The course is utterly central to the Ed secondary. Among the graduating classes of 2019-22, 60 of 73 Ed secondary students (82 percent) have taken Gen Ed 1076. Can the College name a single non-mandatory course that is equally central to another secondary? Deferring this course cuts the Ed secondary off at its roots.

Dean Khurana pledged an “ongoing commitment to providing courses, experiences, and opportunities in education.” That has to be backed up by action. At a minimum, Harvard should commit to replacing this course with another on K-12 education. We asked for this commitment, more than once, and received no acknowledgment. Without Gen Ed 1076, even fewer undergraduates will enter education at a time when they are gravely needed.

It cannot be lost that I am writing as thousands of Harvard students are in the midst of a mandatory lockdown. Class has been online for nearly a year. Between one to three million K-12 students are estimated to have not attended school since March — in the U.S. alone. UNICEF has warned of a lost generation of students. Now is the time to reinforce courses like Gen Ed 1076.

There are so many levels of irony to the College’s response.

In an educational emergency, they are undermining the study of education. In the same year that it received a record 57,000 applications, the College is eliminating the only course that asks undergraduates to reflect on “Equity and Excellence in American K-12 Education.” Amid a reckoning with racism, they are torching a developing pathway into social justice work. In a national moment of accountability, they don’t seem to be telling the truth.

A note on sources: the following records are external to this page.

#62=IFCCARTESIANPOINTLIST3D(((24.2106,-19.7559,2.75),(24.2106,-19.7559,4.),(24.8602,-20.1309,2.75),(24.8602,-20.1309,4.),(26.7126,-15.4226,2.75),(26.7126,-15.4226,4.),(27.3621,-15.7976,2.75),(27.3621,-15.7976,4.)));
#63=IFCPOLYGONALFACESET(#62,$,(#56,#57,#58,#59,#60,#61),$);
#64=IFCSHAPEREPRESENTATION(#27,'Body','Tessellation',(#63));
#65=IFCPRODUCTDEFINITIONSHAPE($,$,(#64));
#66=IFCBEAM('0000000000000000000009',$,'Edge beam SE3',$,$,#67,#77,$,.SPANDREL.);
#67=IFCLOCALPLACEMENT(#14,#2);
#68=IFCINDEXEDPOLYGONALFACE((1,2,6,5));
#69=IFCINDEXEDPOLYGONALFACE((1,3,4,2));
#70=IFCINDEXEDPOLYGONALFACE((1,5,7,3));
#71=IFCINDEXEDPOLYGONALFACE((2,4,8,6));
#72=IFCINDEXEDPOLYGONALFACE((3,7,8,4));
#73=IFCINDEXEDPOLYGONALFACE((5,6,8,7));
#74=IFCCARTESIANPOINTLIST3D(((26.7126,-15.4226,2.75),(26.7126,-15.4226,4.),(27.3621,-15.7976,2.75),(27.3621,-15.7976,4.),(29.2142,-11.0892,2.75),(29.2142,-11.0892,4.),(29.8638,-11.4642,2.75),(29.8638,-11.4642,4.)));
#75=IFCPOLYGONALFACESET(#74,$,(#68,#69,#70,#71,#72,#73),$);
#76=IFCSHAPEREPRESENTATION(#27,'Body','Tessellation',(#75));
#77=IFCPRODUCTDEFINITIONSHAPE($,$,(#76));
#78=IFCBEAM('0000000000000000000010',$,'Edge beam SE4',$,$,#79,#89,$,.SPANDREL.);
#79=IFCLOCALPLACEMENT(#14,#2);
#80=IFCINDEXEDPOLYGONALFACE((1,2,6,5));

After Gen Ed 1076’s announced cancellation, Kia C. Turner ’16, who graduated from the Harvard Graduate School of Education in 2017, wrote to the administration. “I became a teacher because this class convinced me that education was the justice issue of my generation and that I could make a difference by using my Harvard education to reimagine schools and classrooms that hold, lift, and support Black and Brown students like me.” In response, Turner received the same email response that our petition did from Dean Khurana — word for word.

Copying and pasting could mean one of two things. The College either did not read and take seriously the petition. Or their story of a non-FAS rotation is so fragile it must be held together word by word.

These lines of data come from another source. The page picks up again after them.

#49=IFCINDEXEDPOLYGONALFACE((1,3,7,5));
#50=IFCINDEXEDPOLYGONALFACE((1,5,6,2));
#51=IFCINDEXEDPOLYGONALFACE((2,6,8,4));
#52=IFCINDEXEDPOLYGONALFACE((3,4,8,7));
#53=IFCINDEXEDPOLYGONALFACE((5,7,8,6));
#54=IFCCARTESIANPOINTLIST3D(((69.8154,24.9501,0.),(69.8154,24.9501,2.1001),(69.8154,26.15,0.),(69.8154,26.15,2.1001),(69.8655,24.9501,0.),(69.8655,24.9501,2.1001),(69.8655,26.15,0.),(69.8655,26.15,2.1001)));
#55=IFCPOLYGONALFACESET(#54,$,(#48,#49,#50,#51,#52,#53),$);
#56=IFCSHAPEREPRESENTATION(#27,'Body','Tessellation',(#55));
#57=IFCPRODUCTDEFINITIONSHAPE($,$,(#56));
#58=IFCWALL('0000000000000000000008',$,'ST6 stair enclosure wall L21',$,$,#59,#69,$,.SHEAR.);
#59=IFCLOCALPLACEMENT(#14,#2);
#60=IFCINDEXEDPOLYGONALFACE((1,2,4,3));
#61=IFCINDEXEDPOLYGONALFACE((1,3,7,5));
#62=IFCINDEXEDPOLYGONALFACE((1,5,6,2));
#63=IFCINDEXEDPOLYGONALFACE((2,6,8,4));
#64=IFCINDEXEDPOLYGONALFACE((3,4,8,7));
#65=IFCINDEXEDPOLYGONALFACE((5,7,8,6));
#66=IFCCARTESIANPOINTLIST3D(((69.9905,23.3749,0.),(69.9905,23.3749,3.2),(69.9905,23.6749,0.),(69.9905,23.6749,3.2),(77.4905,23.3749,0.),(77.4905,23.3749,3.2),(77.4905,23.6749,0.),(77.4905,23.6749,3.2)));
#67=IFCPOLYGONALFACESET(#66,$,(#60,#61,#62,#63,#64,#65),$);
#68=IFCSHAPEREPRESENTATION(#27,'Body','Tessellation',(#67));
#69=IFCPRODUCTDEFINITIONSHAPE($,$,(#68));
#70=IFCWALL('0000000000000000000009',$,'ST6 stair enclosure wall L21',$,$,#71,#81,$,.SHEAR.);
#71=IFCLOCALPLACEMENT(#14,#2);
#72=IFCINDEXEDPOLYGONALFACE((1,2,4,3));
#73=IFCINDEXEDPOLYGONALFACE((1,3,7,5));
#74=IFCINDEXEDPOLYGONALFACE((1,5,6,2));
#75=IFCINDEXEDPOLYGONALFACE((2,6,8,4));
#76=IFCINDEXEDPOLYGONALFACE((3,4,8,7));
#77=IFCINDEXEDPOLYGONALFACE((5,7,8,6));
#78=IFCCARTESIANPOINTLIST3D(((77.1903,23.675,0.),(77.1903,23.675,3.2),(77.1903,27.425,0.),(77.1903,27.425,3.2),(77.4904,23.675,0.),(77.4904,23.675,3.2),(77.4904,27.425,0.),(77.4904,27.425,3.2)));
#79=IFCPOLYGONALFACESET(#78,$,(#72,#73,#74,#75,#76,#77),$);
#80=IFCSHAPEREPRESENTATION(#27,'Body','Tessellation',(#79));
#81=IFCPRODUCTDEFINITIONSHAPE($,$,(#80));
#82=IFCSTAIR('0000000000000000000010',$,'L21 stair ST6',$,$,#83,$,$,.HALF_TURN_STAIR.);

Is Ctrl+C an appropriate response to a 988-signature petition for a course that has over-lotteried and received glowing reviews for a decade? With testimonials from generations of students? With alumni representation from 1960 to the present? With support from tenured professors, varsity coaches, and resident deans?

On Thursday, a high school student told our Harvard Teacher Fellows cohort that his worst teacher was a “brick wall” who ignored students. I would like to believe this administration is not a brick wall. Dean Khurana and Dean of Undergraduate Education Amanda Claybaugh are set to meet with us this week; the Gen Ed Committee has so far declined a meeting.

Gen Ed 1076 offers the College an opportunity to heed an unprecedented surge of student advocacy, affirm the value of education, and restore a crucial pathway into public service. I hope they take it.

Meaghan E. Townsend '21 is an English concentrator in Lowell House.